As a lifelong athlete and CEO of CONNEQT Health, I’m always tuned into the latest research that challenges conventional thinking—especially when it comes to how exercise affects your calcium score and cardiovascular health as you age.
A recent study from UT Southwestern Medical Center, led by Dr. Benjamin Levine, has made headlines for exploring a surprising connection between long-term exercise and coronary artery calcium (CAC)—the medical term for your calcium score and a key marker used to assess cardiovascular risk. Like a lot of research headlines, the truth lies in the nuance.

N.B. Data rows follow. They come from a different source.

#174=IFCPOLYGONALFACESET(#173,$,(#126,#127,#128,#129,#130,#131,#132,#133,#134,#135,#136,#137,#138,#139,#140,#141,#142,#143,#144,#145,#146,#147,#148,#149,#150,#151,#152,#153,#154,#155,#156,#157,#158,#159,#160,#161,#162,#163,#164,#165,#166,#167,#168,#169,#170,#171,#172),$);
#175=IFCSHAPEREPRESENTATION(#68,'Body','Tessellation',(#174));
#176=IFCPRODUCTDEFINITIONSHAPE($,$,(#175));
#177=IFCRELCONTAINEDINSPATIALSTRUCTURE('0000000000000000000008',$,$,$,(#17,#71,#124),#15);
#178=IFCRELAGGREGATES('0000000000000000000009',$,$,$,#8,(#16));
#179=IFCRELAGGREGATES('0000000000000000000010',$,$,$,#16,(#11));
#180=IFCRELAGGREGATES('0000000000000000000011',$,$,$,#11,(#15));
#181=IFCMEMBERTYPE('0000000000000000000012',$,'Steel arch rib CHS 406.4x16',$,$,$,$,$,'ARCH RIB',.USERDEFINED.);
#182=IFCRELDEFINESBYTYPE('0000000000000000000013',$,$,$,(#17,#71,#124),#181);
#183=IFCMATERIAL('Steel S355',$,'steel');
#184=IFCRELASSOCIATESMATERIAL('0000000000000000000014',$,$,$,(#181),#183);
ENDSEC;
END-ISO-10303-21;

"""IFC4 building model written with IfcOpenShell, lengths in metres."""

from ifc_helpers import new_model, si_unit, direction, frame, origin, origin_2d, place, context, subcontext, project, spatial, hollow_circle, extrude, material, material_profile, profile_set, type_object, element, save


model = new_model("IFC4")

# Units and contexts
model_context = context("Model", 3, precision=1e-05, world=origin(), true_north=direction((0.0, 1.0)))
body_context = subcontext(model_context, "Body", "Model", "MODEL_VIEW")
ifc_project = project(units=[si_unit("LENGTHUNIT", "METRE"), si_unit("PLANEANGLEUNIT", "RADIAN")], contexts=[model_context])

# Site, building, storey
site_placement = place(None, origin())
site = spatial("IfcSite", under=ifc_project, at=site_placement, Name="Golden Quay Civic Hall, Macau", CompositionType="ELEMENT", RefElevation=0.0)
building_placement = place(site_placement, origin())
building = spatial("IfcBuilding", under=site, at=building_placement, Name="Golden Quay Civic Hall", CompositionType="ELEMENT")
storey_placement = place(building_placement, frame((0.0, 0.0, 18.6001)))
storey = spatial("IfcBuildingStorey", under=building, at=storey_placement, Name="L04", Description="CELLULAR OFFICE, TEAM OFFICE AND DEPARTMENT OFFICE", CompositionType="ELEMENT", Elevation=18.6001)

Here’s what you really need to know.
What Is a Calcium Score—and Why Does It Matter for Cardiovascular Health?
CAC is a measurement of calcified plaque in your coronary arteries—the vessels that supply blood to your heart. It’s picked up through a specialized CT scan and has become one of the most popular predictors of cardiovascular risk, especially in middle-aged and older adults.

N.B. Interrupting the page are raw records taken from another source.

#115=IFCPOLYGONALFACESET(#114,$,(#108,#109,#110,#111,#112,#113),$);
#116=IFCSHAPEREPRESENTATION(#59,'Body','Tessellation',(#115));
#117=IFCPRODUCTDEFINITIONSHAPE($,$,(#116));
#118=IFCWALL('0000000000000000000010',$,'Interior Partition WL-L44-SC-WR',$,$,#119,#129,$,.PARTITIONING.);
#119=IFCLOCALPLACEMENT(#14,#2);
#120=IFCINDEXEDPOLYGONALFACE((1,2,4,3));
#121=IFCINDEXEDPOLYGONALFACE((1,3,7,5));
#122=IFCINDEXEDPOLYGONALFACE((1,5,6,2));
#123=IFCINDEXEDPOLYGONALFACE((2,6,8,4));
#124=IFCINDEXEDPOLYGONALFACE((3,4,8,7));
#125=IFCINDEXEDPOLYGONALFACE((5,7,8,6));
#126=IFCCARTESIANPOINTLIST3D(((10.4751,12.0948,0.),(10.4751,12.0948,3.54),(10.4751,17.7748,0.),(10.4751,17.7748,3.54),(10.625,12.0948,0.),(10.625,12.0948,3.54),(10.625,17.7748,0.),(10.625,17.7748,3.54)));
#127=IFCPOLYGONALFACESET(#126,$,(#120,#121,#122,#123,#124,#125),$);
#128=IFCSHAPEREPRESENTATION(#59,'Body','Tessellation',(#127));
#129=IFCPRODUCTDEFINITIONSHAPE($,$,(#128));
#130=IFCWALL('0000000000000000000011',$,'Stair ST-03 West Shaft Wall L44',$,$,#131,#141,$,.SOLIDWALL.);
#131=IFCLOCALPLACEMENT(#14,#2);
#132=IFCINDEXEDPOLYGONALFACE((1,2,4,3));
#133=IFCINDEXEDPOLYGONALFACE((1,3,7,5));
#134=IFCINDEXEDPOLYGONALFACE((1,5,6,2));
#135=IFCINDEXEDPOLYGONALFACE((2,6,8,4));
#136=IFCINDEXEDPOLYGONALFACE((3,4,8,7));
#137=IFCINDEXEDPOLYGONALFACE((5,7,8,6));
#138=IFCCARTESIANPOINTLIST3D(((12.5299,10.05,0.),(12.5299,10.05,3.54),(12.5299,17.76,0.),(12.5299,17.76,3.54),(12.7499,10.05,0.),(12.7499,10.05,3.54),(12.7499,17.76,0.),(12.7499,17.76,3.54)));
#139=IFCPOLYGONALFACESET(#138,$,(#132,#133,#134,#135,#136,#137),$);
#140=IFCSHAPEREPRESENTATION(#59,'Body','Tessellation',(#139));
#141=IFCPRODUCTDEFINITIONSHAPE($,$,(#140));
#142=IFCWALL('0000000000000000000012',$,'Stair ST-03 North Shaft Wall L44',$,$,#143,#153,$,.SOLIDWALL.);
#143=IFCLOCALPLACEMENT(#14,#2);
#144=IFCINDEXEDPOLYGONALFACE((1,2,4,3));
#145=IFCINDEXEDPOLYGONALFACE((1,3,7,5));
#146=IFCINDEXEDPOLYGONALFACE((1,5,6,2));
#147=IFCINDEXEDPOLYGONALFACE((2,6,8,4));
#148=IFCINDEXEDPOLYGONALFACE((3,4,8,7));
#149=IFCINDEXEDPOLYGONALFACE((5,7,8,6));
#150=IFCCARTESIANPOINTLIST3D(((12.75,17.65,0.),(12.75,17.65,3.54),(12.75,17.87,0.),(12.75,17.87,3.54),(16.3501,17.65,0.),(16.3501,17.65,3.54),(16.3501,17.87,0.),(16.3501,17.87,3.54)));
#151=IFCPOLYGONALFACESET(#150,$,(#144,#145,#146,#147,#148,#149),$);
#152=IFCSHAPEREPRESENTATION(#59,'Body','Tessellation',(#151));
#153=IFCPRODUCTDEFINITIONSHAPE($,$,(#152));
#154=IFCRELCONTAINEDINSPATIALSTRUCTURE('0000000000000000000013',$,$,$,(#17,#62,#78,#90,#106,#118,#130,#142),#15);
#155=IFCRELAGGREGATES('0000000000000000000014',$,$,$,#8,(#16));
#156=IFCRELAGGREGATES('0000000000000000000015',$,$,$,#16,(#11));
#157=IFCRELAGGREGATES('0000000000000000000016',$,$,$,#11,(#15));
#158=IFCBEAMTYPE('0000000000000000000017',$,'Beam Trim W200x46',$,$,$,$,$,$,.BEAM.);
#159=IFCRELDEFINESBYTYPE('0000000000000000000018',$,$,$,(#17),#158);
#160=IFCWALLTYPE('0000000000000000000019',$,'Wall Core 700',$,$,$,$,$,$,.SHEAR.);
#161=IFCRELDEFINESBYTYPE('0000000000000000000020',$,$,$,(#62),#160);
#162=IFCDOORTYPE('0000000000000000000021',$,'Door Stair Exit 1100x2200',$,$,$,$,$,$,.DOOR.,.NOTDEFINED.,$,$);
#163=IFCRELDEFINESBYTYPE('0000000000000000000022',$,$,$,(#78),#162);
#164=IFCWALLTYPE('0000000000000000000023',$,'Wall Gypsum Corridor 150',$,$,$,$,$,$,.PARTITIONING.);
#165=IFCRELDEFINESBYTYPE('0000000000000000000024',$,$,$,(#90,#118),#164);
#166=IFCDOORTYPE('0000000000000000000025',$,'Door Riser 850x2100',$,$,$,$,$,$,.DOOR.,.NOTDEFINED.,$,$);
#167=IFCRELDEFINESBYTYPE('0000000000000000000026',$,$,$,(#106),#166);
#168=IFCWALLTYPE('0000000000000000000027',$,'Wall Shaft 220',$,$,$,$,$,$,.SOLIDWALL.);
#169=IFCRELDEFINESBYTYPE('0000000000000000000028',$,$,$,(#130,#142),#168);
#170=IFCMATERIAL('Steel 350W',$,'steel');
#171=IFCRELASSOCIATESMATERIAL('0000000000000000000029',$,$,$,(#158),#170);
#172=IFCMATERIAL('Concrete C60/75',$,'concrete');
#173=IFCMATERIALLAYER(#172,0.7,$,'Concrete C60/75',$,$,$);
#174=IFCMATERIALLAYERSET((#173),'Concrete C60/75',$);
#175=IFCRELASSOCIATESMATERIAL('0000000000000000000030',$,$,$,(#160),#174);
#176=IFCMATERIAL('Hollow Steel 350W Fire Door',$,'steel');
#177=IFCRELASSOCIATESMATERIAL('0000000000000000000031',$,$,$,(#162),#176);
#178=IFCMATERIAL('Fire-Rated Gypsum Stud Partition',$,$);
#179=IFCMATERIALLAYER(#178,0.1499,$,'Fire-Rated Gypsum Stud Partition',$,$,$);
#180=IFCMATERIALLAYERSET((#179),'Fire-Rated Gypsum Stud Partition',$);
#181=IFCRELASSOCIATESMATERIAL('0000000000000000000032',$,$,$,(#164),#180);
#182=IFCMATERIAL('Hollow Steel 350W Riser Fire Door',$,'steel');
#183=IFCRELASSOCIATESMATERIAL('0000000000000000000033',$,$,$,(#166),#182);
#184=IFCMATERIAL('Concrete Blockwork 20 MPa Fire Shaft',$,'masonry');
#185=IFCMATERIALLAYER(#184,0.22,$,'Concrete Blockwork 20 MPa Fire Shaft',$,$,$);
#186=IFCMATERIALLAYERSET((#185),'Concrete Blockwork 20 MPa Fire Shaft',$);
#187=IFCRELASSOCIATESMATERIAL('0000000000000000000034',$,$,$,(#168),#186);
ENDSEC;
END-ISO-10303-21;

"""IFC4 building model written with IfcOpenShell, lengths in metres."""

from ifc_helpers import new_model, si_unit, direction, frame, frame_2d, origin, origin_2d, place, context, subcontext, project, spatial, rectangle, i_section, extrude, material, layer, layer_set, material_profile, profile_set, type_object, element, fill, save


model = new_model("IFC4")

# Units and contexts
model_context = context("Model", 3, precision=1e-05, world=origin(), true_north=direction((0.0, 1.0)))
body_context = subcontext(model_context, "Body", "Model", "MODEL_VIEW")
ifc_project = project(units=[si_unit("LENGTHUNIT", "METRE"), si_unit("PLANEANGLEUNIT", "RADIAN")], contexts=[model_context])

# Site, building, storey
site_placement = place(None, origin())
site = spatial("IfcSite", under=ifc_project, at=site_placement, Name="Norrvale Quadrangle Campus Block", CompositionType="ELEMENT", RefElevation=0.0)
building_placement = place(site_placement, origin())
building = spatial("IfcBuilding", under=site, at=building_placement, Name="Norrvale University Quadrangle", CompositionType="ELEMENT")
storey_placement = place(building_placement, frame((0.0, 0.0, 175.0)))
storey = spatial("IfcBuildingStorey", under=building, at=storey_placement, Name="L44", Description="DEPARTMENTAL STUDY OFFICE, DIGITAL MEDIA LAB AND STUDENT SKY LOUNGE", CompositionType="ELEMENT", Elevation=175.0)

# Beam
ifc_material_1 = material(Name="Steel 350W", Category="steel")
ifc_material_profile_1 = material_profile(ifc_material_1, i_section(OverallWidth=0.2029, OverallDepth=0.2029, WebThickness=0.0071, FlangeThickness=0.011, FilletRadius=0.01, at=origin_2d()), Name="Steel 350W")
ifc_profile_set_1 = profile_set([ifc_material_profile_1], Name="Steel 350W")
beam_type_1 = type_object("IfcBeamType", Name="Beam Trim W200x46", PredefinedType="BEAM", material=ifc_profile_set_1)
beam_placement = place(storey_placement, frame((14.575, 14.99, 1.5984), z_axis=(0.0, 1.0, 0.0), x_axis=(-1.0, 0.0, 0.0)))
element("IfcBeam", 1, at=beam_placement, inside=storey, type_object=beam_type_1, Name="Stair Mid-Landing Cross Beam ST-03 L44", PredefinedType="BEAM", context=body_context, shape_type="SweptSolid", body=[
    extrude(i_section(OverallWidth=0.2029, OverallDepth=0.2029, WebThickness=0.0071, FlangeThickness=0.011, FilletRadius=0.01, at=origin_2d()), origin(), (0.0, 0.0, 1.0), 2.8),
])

Traditionally, higher CAC scores have been linked to an increased risk of heart disease, since they signal the presence of atherosclerosis. But the story’s a little more complicated for athletes.
The Study: High-Volume Exercise and CAC
Dr. Levine’s team analyzed data from over 23,000 men aged 40–80. Here’s what they found:
- High-intensity exercise alone (think sprints or HIIT) was not linked to higher CAC. So pushing your limits now and then won’t necessarily raise your calcium score.

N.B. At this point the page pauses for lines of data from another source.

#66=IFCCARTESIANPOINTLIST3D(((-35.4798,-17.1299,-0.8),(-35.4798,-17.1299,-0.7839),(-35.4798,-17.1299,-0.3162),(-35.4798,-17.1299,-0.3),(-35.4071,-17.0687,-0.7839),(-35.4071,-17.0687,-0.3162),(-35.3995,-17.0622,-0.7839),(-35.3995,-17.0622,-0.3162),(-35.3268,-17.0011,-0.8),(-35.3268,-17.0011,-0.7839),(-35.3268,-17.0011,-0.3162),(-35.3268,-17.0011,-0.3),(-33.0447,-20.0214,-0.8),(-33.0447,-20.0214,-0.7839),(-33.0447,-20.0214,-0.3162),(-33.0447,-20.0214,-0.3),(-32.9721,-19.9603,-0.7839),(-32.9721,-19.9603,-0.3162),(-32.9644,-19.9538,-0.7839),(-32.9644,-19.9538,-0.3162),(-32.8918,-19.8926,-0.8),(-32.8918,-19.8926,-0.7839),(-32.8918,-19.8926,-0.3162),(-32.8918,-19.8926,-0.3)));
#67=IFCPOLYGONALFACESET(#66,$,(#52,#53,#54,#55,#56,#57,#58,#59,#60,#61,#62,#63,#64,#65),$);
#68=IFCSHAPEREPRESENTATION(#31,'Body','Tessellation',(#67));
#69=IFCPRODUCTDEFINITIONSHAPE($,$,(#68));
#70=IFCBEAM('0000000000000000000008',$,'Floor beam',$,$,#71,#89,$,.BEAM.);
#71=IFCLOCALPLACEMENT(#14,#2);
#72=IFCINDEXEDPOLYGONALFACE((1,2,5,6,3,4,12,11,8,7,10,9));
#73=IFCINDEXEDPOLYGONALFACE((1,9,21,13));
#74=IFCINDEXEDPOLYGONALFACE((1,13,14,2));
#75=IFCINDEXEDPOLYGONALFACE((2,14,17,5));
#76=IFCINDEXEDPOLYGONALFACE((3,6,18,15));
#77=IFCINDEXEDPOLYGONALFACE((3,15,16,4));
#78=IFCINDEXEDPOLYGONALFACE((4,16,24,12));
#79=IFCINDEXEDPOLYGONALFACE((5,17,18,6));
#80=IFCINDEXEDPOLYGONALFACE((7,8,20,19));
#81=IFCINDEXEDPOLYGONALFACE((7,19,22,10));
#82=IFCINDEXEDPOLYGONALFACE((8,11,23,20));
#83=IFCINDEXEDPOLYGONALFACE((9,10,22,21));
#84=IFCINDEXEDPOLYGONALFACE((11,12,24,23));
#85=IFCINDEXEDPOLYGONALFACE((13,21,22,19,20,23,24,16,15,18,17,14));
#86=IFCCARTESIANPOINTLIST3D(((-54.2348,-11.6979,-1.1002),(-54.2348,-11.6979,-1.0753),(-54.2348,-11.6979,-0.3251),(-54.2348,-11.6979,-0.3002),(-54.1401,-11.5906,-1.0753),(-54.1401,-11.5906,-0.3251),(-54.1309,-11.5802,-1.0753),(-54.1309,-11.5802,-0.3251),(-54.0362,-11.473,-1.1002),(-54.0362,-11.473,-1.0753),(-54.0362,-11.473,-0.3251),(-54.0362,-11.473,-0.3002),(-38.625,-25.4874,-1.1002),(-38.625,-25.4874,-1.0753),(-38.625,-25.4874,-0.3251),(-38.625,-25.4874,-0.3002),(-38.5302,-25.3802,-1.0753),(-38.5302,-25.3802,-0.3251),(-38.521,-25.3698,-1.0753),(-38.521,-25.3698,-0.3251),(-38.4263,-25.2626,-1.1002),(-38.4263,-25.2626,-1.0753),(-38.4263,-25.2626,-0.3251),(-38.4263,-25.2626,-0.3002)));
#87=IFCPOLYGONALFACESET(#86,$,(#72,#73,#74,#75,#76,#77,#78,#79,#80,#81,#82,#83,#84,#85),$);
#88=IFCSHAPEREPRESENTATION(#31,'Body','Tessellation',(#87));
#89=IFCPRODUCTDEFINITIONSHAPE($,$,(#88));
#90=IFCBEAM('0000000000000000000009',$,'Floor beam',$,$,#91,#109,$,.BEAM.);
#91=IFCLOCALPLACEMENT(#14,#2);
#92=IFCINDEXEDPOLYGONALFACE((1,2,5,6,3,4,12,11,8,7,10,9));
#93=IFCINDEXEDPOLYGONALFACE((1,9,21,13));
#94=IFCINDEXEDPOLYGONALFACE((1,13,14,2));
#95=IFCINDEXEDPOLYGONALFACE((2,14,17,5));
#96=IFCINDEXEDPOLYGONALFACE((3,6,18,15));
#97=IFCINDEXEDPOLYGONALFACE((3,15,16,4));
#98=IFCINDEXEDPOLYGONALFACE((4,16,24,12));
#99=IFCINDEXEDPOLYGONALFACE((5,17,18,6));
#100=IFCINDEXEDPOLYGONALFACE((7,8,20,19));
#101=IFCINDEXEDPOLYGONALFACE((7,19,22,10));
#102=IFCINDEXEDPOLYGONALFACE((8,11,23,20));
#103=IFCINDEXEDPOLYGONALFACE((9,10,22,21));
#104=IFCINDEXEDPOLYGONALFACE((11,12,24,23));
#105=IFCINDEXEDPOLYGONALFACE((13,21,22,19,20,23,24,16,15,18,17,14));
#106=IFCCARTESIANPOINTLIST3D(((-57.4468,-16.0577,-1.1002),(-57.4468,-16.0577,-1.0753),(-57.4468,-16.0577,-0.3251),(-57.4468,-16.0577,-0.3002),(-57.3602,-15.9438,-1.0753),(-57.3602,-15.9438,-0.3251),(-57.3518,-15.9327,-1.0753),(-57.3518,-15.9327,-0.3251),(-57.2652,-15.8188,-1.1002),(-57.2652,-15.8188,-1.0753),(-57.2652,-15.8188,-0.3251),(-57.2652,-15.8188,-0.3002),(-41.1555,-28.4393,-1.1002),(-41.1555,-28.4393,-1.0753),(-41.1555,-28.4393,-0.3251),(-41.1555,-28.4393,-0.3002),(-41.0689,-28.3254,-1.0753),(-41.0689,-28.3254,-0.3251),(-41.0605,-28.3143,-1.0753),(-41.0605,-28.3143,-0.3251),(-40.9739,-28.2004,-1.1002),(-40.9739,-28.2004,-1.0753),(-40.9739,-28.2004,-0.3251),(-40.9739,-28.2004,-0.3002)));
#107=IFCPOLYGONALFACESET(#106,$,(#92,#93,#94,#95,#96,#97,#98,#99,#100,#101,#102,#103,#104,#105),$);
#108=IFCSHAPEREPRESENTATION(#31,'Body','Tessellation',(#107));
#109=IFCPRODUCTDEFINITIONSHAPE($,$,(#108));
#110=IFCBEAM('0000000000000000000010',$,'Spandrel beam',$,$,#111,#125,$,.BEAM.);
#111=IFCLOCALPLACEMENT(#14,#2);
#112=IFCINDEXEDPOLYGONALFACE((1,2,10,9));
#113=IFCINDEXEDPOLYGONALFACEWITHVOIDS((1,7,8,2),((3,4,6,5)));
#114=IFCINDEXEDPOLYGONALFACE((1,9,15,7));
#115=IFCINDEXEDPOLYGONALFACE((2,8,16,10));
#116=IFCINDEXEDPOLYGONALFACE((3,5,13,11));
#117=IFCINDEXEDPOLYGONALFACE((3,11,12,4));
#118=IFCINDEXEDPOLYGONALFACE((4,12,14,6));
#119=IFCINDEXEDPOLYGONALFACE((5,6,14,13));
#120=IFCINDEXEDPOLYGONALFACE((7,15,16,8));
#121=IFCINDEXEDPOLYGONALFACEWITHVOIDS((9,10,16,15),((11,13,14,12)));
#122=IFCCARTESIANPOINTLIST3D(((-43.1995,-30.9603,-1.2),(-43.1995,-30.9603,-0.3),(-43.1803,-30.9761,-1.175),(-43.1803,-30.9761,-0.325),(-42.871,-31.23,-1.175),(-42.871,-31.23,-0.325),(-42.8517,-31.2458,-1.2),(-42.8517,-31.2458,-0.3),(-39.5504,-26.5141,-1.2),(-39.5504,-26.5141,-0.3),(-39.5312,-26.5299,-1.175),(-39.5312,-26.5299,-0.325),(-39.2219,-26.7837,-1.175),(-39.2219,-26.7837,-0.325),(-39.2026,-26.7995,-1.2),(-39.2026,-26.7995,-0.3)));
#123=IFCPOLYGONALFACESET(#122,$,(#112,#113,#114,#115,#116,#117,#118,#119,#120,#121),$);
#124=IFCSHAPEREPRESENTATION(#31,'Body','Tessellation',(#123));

- However, lifetime exercise volume—especially prolonged endurance training over many years—was associated with higher CAC scores.
At first glance, that might seem concerning. Why would people who exercise more—arguably the healthiest among us—show more signs of arterial calcification?
Understanding the “Calcium Paradox” in Athletes
Here’s the key insight: not all CAC is created equal.
In endurance athletes, higher CAC doesn’t necessarily signal danger. In fact, studies—including this one and others led by Levine—suggest that the calcium found in these individuals may actually represent more stable plaque. That’s a good thing.
Unlike soft plaque that can rupture and trigger heart attacks, calcified plaque is more like hardened cement. It’s stable, less likely to break off, and may actually be a protective adaptation to years of increased vascular stress.
So while these athletes may have higher CAC numbers, they often have lower all-cause mortality and better overall heart function than sedentary individuals with similar scores.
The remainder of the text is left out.